Here's the setup I actually use in production. It reviews pull requests and catches common issues:

```python

from crewai import Agent, Task, Crew

from pathlib import Path

@tool("Read PR Diff")

def read_pr_diff(pr_url: str) -> str:

"""Get the diff of a pull request"""

# Your GitHub API logic here

return diff_text

@tool("Check Coding Standards")

def check_coding_standards(code: str, language: str) -> str:

"""Run linters and style checkers"""

# Your linting logic

return violations_text

# Specialized agents

style_agent = Agent(

role="Style Enforcer",

goal="Ensure code follows project conventions",

backstory="Strict about PEP8 and project-specific rules",

tools=[read_pr_diff, check_coding_standards],

max_iter=2

)

logic_agent = Agent(

role="Logic Reviewer",

goal="Find logical errors and edge cases",

backstory="Sees bugs others miss",

tools=[read_pr_diff],

max_iter=3

)

# Parallel tasks

review_style = Task(

description="Review the PR diff for style violations",

expected_output="List of style issues found",

agent=style_agent

)

review_logic = Task(

description="Review the PR diff for logical errors",

expected_output="List of potential bugs found",

agent=logic_agent

)

# Sequential task that combines results

summarize = Task(

description="Combine style and logic reviews into a final PR comment",

expected_output="A complete PR review comment",

agent=Agent(role="Review Summarizer", goal="...", backstory="..."),

context=[review_style, review_logic]

)

crew = Crew(

agents=[style_agent, logic_agent],

tasks=[review_style, review_logic, summarize],

process=Process.hierarchical, # Allows parallel + sequential

manager_llm="gpt-4" # Use smarter model for coordination

)

```

## What I'd Do Differently

If I were starting over:

1. **Use Ollama first** - Test your agents locally with `ollama run llama3.1:70b` before spending money on GPT-4

2. **Start with 2 agents max** - More agents = more failure modes

3. **Hardcode expected outputs** - Use `expected_output` as validation, not just documentation

4. **Add human-in-the-loop** - CrewAI has no approval workflow.

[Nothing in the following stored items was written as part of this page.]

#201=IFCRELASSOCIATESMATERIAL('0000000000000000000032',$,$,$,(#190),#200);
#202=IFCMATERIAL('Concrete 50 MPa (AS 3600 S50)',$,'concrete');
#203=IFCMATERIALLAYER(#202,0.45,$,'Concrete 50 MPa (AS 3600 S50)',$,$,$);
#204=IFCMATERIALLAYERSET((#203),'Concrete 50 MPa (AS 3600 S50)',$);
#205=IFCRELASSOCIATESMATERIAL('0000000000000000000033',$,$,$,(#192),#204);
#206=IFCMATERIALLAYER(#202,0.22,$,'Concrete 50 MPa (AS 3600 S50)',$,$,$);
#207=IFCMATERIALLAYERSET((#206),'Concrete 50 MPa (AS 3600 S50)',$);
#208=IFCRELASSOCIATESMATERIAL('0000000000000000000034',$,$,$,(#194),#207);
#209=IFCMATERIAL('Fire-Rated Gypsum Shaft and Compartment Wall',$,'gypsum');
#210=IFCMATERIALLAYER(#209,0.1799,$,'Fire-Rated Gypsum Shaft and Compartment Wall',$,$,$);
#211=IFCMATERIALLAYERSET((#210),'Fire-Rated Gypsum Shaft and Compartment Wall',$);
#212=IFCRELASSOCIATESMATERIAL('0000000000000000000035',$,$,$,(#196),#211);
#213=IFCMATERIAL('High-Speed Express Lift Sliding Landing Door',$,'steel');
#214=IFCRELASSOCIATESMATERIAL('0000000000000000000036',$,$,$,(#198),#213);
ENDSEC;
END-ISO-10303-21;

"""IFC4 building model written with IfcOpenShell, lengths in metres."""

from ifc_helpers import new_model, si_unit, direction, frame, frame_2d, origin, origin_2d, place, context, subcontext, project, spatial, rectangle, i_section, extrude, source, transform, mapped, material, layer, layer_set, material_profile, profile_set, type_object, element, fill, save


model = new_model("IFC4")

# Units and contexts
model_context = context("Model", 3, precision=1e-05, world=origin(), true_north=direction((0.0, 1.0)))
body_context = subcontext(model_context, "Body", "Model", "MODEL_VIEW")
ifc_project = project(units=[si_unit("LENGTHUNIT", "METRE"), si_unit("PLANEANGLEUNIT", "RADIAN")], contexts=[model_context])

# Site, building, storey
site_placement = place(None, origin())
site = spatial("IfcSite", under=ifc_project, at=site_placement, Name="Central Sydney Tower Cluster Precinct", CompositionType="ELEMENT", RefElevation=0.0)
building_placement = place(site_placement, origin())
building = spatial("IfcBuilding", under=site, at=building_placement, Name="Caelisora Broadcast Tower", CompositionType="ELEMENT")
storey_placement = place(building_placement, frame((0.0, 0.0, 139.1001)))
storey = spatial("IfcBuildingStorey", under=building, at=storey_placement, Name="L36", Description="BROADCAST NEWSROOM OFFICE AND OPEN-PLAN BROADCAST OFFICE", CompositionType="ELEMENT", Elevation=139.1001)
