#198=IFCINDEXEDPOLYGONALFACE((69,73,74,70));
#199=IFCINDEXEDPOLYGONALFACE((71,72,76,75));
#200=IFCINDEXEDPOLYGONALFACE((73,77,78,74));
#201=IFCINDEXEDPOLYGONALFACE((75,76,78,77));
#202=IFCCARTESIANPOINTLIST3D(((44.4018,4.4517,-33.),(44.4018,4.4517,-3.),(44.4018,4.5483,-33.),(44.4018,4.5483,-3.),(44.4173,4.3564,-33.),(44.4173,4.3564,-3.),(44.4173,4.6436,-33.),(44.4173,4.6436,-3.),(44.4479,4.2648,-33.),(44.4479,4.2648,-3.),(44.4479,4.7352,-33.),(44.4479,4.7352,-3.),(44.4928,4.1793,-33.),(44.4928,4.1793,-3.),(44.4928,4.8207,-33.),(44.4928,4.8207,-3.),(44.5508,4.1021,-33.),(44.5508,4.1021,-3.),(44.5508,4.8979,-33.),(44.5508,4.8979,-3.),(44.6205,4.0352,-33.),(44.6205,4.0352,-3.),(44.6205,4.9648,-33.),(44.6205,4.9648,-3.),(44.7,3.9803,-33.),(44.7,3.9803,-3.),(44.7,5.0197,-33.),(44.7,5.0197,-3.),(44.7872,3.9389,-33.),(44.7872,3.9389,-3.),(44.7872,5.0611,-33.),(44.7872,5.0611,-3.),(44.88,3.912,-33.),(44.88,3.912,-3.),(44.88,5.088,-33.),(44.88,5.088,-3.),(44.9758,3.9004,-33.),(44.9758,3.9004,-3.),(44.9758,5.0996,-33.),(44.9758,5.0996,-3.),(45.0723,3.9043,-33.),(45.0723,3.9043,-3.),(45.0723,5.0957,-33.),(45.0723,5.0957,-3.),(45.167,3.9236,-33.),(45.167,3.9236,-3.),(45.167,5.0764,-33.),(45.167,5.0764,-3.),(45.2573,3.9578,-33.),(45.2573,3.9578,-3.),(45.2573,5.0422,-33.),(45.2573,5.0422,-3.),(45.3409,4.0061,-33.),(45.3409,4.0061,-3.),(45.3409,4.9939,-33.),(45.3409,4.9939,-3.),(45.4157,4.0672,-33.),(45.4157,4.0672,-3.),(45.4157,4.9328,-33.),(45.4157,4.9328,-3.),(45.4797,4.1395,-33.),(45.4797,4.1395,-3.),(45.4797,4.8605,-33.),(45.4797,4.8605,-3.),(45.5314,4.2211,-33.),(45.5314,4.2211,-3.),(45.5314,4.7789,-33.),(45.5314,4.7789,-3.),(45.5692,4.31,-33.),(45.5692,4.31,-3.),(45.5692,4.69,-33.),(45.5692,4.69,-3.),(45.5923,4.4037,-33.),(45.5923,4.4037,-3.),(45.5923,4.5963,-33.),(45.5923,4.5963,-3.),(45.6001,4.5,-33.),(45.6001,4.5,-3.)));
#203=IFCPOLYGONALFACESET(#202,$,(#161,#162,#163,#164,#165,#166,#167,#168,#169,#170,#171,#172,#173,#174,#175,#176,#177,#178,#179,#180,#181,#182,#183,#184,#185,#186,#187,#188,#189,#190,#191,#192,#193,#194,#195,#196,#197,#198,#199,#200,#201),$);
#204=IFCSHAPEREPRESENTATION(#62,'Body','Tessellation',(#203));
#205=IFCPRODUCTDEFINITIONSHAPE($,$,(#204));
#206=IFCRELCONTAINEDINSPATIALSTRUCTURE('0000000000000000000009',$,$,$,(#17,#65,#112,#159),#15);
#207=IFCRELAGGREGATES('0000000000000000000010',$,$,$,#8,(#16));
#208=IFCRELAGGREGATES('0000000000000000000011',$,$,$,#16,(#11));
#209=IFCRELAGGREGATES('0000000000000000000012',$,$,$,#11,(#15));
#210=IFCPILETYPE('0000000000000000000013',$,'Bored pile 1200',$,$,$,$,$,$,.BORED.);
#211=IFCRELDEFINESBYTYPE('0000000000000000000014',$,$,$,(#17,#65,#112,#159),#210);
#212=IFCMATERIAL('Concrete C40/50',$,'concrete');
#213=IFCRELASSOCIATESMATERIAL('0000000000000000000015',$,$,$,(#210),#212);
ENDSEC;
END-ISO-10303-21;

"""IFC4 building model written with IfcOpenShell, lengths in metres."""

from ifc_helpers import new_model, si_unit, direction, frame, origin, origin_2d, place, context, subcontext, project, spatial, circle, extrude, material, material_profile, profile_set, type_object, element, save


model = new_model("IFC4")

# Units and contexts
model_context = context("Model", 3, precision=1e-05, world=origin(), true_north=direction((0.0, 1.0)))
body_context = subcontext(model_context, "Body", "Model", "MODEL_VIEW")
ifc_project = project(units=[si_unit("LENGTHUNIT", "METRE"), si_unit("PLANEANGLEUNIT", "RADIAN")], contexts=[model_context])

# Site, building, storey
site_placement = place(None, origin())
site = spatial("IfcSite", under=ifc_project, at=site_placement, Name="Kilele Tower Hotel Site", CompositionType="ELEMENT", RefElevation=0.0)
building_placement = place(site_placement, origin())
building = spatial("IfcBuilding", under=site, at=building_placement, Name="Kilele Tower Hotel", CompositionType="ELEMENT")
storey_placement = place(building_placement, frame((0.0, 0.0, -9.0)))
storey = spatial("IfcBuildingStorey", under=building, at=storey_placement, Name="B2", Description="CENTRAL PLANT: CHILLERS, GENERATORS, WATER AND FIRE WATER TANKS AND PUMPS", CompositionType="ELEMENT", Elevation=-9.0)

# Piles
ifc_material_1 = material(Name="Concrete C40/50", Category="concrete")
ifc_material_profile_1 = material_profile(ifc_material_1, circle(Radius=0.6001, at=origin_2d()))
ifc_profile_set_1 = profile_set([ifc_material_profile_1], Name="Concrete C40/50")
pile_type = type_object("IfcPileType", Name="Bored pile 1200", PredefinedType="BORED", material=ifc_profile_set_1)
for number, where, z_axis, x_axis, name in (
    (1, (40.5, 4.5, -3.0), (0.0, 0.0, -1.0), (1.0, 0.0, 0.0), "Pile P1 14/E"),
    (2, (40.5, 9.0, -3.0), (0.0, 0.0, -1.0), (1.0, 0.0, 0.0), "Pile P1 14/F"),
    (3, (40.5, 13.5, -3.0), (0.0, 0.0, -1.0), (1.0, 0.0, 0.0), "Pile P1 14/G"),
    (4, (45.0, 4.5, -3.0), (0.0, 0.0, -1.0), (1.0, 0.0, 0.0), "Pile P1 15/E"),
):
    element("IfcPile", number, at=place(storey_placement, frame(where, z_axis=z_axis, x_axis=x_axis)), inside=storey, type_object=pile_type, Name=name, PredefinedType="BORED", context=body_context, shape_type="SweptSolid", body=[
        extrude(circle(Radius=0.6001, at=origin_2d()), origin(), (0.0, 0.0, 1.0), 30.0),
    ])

Build one:

```python

def human_approve(response):

print(f"Agent suggests: {response}")

return input("Approve? (y/n): ").lower() == 'y'

# Use this before critical actions

if human_approve(agent_response):

# Proceed with action

pass

```

## The Honest Bottom Line

CrewAI is powerful but fragile. It works great for:

- **Batch processing** existing issues/PRs

- **Generating first drafts** of responses

- **Running code quality checks** automatically

It fails at:

- **Real-time collaboration** - Agents can't work simultaneously on shared state

- **Complex decision trees** - More than 5 sequential tasks break

- **Tasks requiring external API calls** - Tool integration is brittle

Your next step: Clone my starter template at `github.com/yourname/crewai-oss-starter`. Replace the tool functions with your project's actual APIs. Run it against 3 real issues. Fix the inevitable errors. Then scale from there.

Remember: CrewAI is a tool for *augmenting* your open source work, not replacing it. The goal is to handle the boring stuff so you can focus on the actual community building.